When I was a kid, everyone wanted to live a LONG life; today, many are afraid of living too long! This phenomenon may be occurring because (1) many in my parent’s generation had defined benefit pensions – an income they couldn’t outlive, something most of us don’t have these days – and (2) we’re living longer – the definition of ‘old’ is different today.
When you couple this new ‘longevity risk’ with the fact we’ve cured many of the diseases that, back in the old days, used to kill us, many of us are now living long enough that not only has health care become a real issue, so has personal care!
Sure, it’s old news: People are worried about running out of their money. But wait, as they say on those tv commercials, there’s more:
Have you ever noticed that whenever there’s a problem facing the marketplace, financial product providers magically appear, anxious to create solutions they can package and market to the public.
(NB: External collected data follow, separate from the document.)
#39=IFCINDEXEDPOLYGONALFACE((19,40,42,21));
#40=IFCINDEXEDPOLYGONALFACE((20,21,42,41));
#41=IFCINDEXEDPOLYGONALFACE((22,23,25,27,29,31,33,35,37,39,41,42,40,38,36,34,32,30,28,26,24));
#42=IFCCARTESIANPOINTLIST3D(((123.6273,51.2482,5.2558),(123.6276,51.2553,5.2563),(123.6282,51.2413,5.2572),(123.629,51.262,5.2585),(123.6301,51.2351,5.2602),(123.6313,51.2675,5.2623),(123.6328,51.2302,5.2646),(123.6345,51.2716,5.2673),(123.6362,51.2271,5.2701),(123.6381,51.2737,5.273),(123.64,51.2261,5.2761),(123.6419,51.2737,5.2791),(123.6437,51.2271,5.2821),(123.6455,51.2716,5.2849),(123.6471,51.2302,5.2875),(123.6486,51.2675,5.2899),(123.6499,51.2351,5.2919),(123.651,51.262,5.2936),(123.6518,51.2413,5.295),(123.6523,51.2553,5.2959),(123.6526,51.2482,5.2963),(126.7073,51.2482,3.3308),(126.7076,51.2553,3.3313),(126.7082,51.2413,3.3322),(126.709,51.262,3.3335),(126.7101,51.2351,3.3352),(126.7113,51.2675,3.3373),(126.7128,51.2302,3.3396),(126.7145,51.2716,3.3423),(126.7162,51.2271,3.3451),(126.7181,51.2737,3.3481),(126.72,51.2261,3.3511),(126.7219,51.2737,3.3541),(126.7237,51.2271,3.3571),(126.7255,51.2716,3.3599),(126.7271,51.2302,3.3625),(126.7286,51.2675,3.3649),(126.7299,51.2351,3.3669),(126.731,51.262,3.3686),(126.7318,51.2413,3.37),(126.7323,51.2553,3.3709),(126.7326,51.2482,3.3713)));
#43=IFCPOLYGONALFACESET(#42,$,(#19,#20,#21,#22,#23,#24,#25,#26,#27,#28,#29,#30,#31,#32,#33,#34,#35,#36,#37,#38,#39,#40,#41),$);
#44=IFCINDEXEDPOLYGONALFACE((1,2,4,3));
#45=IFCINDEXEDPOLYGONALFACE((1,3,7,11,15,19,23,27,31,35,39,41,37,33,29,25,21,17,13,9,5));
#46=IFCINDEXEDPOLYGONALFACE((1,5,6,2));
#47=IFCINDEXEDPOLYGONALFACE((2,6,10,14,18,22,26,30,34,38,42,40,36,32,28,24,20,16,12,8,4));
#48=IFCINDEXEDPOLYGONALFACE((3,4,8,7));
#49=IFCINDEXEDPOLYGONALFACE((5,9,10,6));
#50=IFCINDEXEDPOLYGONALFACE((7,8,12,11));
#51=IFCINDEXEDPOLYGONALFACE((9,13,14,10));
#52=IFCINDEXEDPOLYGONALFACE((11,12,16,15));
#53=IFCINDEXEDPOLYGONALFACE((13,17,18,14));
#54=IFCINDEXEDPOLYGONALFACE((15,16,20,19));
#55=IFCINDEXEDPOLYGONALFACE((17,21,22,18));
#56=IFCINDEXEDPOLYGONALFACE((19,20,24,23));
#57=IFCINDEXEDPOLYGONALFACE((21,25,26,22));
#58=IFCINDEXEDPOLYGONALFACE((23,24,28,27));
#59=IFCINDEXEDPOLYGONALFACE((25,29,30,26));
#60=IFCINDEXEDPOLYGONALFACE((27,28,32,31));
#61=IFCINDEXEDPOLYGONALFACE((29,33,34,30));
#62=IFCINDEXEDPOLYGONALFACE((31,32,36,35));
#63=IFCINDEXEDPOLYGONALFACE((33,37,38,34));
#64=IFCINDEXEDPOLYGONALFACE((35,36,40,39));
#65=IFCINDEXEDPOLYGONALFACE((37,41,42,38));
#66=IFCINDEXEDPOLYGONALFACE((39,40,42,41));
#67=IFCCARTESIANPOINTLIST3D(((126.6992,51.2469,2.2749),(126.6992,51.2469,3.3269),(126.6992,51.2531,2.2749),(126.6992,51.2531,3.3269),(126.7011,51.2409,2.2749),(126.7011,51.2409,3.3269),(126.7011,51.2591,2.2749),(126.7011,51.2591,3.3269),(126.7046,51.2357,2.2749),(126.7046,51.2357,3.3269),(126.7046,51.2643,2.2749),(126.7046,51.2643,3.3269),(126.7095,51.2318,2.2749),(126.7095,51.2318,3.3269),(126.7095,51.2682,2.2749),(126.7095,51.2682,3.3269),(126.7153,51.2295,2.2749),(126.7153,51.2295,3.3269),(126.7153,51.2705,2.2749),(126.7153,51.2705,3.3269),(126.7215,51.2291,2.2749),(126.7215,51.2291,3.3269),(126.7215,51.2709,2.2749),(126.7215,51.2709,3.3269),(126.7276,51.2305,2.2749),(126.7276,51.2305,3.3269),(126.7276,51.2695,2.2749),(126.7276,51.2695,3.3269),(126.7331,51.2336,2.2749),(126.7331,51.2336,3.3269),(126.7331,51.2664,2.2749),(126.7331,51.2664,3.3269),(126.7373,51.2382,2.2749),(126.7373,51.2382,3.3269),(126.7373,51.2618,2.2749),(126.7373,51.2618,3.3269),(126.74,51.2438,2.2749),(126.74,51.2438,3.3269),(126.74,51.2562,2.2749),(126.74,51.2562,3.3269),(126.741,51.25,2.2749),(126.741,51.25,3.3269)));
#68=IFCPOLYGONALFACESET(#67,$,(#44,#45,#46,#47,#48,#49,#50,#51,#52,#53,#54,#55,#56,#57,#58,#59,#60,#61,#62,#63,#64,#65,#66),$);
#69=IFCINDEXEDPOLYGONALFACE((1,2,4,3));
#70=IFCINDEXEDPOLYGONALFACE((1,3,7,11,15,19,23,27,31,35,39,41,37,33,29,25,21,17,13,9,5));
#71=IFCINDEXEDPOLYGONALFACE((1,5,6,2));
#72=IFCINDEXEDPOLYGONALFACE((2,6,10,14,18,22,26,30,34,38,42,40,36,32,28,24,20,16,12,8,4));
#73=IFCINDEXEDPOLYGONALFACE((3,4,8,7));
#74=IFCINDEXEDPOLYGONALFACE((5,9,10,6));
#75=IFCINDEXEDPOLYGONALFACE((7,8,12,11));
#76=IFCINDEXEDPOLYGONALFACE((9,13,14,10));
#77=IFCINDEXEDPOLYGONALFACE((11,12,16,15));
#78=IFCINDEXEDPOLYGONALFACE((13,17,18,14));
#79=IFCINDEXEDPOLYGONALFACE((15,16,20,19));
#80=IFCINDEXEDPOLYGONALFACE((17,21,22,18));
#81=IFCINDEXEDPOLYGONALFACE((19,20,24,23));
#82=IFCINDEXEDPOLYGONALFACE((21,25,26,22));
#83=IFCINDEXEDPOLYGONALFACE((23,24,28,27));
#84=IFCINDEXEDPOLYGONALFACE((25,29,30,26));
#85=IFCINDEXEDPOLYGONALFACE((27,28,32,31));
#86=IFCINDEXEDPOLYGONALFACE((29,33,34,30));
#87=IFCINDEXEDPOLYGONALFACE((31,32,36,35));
Often, however, the public has to be careful, because sometimes the packaging and presentation, which may meet all required disclosure rules, often makes NO attempt to educate the buyer on the hidden external issues that can heavily impact their decision-making.
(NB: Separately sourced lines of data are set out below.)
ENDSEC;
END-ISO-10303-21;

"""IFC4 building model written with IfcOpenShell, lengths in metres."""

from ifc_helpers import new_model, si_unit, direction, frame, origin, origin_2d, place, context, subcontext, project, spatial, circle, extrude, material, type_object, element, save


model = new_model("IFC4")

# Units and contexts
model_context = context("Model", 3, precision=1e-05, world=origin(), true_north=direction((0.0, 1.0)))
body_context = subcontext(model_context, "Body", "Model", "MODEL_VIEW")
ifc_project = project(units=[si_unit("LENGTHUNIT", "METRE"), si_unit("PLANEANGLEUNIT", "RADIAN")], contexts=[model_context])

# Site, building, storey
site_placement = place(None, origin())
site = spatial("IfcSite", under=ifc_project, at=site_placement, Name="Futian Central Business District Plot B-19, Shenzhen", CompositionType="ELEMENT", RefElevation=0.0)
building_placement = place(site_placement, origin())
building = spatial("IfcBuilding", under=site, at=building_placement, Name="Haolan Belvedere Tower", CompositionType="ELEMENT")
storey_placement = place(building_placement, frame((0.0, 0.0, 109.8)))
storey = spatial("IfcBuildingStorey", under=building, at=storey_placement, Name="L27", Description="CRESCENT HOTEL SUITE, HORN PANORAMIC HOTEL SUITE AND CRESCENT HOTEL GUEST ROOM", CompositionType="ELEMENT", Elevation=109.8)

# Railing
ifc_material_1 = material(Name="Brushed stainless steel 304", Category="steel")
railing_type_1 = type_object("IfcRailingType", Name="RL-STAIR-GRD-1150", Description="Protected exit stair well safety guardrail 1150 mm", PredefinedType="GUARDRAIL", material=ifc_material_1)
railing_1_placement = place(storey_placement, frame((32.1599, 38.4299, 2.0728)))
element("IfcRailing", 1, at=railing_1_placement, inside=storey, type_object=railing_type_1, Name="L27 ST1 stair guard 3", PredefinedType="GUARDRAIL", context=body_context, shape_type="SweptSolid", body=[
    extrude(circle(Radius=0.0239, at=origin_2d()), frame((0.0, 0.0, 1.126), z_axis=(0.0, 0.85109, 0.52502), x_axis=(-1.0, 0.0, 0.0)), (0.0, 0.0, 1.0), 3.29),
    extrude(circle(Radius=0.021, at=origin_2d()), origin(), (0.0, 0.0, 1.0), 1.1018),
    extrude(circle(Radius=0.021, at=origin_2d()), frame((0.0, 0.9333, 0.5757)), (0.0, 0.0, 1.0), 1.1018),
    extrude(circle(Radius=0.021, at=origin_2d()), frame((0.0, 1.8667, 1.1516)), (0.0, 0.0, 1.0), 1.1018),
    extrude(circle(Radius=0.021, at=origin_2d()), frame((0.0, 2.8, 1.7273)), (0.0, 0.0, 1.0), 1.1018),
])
Here’s a simple example: While the product distributors often use “average annual return” in their demonstrations and illustrations to sell their solutions, many, if not most, individual investors fail to recognize that returns never seem to come in ‘on average’. Not only are they different every year, they compound, as well. Not only do gains compound, so do the losses; and, that’s important, especially for seniors who are living off their life savings. But, while the “average annual return” calculation can mask some problems, there’s yet another one.
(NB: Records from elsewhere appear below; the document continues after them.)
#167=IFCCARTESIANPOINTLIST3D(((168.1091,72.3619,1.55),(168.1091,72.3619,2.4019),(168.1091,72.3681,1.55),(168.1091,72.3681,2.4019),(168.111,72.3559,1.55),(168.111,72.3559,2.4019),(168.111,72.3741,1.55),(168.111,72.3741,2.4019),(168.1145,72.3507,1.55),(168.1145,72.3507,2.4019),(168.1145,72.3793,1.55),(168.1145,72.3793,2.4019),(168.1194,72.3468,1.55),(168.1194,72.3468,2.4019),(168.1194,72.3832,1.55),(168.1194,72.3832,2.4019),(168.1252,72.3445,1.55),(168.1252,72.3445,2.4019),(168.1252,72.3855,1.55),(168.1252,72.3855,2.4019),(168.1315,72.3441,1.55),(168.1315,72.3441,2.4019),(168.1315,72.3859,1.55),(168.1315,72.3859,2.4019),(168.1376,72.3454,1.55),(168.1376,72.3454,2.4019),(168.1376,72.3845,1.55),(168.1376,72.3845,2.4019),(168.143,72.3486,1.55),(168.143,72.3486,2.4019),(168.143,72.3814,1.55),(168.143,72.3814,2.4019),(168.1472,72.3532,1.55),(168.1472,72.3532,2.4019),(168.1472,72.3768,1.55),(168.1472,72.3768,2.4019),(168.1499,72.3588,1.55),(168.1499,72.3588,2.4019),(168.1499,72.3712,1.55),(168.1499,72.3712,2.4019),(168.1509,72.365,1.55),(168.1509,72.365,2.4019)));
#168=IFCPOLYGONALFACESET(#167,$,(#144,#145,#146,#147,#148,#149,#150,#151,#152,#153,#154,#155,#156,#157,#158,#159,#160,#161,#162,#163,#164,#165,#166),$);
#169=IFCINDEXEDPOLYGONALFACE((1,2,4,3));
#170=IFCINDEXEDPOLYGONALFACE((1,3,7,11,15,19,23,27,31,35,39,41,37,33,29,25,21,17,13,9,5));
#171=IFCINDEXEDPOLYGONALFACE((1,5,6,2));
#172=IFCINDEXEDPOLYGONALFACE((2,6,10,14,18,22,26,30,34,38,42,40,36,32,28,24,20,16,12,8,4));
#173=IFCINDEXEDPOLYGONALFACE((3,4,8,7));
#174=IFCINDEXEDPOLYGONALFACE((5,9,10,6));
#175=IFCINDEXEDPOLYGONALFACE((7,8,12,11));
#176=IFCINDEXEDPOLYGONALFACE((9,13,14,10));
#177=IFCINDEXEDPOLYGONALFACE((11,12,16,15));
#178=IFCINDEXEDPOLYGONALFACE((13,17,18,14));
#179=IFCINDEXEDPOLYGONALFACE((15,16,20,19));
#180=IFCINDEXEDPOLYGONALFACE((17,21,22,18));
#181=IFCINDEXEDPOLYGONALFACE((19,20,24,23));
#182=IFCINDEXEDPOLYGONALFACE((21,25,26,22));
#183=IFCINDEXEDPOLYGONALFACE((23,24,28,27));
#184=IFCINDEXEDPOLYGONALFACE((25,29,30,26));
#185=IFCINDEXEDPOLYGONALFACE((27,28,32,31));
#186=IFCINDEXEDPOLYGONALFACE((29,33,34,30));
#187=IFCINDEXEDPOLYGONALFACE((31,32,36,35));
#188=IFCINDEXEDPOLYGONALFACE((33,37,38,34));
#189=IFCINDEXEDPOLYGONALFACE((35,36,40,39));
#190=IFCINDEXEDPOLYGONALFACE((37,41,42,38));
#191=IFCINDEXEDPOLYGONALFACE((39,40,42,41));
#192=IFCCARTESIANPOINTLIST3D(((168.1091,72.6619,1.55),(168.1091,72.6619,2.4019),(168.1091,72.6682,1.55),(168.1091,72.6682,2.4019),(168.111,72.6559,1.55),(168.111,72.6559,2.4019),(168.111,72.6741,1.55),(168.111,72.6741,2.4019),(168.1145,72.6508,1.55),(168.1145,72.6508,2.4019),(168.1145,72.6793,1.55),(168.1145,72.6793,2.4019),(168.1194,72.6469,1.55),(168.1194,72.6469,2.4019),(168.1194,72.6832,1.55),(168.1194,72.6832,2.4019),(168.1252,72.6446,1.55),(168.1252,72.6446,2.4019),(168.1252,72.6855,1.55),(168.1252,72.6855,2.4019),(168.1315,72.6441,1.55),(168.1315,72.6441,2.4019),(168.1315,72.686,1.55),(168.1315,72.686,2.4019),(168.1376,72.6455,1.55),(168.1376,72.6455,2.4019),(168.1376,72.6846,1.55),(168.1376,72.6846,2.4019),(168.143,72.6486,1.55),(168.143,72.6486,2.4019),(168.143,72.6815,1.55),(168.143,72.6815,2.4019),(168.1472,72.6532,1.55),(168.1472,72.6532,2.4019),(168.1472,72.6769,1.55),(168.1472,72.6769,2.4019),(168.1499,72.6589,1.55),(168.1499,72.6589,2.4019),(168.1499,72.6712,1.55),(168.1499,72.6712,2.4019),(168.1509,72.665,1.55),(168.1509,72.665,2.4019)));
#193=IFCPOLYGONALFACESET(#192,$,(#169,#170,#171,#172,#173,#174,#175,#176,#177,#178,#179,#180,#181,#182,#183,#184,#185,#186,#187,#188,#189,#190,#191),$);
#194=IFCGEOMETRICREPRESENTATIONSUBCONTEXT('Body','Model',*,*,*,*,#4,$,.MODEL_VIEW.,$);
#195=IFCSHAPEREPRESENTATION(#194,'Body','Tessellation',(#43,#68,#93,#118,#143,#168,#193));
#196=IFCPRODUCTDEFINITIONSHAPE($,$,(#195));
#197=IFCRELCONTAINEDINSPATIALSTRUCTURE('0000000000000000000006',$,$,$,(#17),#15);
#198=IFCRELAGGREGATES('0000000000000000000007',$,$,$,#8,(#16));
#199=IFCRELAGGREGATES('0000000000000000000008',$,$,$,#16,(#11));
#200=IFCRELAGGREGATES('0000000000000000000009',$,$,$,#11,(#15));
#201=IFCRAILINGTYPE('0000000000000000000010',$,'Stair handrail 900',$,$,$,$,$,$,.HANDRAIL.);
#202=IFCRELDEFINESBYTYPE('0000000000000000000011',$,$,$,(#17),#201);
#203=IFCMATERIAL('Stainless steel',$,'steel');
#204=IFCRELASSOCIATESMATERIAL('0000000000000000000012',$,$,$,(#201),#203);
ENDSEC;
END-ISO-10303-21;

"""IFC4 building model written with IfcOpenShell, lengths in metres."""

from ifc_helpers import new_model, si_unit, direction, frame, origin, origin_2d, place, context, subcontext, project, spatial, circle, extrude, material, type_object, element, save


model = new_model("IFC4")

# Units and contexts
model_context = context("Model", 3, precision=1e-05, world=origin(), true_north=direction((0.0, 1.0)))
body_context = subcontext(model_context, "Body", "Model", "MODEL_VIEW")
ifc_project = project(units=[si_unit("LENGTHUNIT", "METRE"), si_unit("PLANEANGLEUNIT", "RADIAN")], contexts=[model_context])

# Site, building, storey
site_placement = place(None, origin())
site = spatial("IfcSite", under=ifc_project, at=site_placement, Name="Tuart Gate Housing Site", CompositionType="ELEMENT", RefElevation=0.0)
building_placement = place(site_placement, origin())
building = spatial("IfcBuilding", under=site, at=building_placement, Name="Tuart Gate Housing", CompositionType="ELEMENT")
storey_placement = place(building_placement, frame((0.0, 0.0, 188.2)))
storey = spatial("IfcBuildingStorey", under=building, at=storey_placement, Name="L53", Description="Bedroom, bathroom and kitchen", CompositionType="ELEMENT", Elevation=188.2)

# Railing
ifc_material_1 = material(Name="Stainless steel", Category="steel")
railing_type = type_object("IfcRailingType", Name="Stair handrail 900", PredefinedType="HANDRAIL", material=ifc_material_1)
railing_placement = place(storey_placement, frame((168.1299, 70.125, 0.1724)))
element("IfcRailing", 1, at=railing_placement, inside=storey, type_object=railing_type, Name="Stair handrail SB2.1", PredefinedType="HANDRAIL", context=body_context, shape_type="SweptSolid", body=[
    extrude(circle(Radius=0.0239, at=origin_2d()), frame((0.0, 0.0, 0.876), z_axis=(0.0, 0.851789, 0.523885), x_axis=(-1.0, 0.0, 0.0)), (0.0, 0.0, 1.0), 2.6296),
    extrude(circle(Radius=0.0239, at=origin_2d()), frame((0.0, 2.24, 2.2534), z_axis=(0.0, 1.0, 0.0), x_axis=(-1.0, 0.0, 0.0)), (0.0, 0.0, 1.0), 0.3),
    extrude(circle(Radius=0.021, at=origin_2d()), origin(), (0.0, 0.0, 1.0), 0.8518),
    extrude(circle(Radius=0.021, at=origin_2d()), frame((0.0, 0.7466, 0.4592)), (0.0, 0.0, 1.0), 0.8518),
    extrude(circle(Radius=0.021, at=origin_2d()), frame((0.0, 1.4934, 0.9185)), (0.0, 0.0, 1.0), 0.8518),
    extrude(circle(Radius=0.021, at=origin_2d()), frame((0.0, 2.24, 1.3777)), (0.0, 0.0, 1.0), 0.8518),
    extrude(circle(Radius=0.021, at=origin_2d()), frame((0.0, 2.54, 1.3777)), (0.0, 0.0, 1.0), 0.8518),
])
It’s a hidden risk that comes into play for those taking income withdrawals from their retirement savings, as gains and losses are being compounded – a hidden risk that few investors know about – simply because they are the risks no one ever talks about.
This hidden risk primarily impacts those who are close-to and planning their retirement. If you fit that description, and are depending on your investment portfolio to provide a significant portion of your retirement income, I think you’ll find what you learn in our report, The Hidden Risk No One Talks About, to be very enlightening.
Report: The Hidden Risk No One Talks About. You can register and download here.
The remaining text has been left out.